Крестовые сёстры - Алексей Ремизов 5 стр.


И срам, и стыд, и позор,- стыдно было Акумовне, повеситься хотела: барыня вернулась, ее барыня приехала, а она вот какая ходит! Успокоила барыня, воспитать обещала ребенка, за Красотку простила, не отогнала от себя. И родила Акумовна мальчика, а вскоре и сама барыня родила, и у барыни тоже мальчик. Детей воспитывали вместе, одна нянька за ними ходила, и учили их вместе. Девяти лет обоих в Петербург отвезли. Усыновил брат барыни сына Акумовны. Приезжали они только на каникулы летом, да в Рождество и в Пасху. В один год оба ученье кончили и офицерами сделались. Пожили немного в деревне и опять в Петербург. Как был маленьким, кроткий был сын Акумовны, ласковый, а вырос - бояться его стала Акумовна: как-то так посмотрит на нее, спрятаться хочется, куда уж там слово сказать!

А время не ждет, время берет свое: умер старый барин, они его задушили - у леса есть хозяин и у воды есть хозяин - лесные и водяные хозяева, так говорили. А за старым барином с братом барыни беда случилась: на престольный праздник семерых зарезали на большой дороге, стали искать, дорожка и привела в Турий Рог в усадьбу, и за укрывательство засадили его. Просидел он год в остроге, вышел, собрался было за границу ехать да и помер. Не видала Акумовна барина, как умирал он, только видела его, как из острога вышел: и узнать нельзя, как земля, почернел. Легкие у него отвалились, так говорили.

Осталась Акумовна опять с своей барыней, и, как прежде, вместе в поле гулять ходили и в лес, как прежде, собирала Акумовна для барыни цветы разные - синие, заплетала венок, и барыня лежала под сосною, только не плакала, спала - выпивала барыня, давно уж выпивать приучилась: выпьет, заест мятным пряником и заснет.

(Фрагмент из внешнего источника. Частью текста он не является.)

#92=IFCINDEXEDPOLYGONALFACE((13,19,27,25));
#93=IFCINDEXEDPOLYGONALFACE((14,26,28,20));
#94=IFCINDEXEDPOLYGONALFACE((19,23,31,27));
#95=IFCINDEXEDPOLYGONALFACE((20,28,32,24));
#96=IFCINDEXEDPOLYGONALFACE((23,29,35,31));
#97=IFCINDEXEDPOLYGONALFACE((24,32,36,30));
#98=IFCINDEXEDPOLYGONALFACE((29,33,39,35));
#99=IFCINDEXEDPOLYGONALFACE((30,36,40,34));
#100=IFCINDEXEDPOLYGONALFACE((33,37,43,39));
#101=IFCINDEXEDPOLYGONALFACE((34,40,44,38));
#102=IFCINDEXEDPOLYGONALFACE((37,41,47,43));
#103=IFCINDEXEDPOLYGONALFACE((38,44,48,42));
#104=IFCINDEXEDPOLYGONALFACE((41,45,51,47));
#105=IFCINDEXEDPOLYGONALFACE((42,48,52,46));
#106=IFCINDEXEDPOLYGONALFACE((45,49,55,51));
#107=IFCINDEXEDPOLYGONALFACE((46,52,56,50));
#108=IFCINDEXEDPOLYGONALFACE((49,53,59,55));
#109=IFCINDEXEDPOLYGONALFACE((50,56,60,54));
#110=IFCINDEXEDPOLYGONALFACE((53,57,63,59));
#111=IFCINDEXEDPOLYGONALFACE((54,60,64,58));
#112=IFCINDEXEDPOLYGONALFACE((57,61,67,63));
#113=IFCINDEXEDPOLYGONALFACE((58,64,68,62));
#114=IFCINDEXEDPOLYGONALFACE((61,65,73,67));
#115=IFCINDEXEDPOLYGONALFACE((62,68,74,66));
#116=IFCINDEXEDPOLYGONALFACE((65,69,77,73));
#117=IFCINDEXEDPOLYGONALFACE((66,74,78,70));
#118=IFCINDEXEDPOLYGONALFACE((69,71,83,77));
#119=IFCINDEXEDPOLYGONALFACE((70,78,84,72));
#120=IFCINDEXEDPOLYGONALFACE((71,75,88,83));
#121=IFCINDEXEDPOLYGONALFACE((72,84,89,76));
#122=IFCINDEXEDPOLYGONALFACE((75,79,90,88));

Барин - брат барыни весною помер, а осенью сына Акумовны в Турий Рог из Петербурга привезли, просил перед смертью, чтобы в Турий Рог привезли: чахотка была. И похоронили его в деревне на турийрогском погосте, а мундир и шапку Акумовне дали. А год не истек, померла и барыня. В день своей смерти она сон видела, будто пришел барин старый и с белою собакой... И похоронили барыню.

Опустел Турий Рог, осталась одна Акумовна. Молодой барин не захотел держать ее, рассчи-тал после похорон. И осталась она совсем одна. Плакать не плакала

когда лихо, не плачут!

Обошла она в последний раз поле, и лес, и прутняк, посидела в последний раз в бору на жарине, где красная ягода, и под сосною, где лежала ее барыня, поклонилась лесу, и полю, и бору, и сосне и пошла. Пошла по большой дороге из Турьего Рога мимо Сосны Горы, мимо брата и невестки, мимо Васильевой избы, мимо кладбища, мимо крестов отца и матери, все прямо из Турьего Рога, все прямо по большой дороге

коло белого света катучим камнем.

И не год тянулась дорога от Турьего Рога до Петербурга. А пока добралась она до Петер-бурга, по пути и в сохе ходила, и в косе ходила, и в овраге цыганкою жила.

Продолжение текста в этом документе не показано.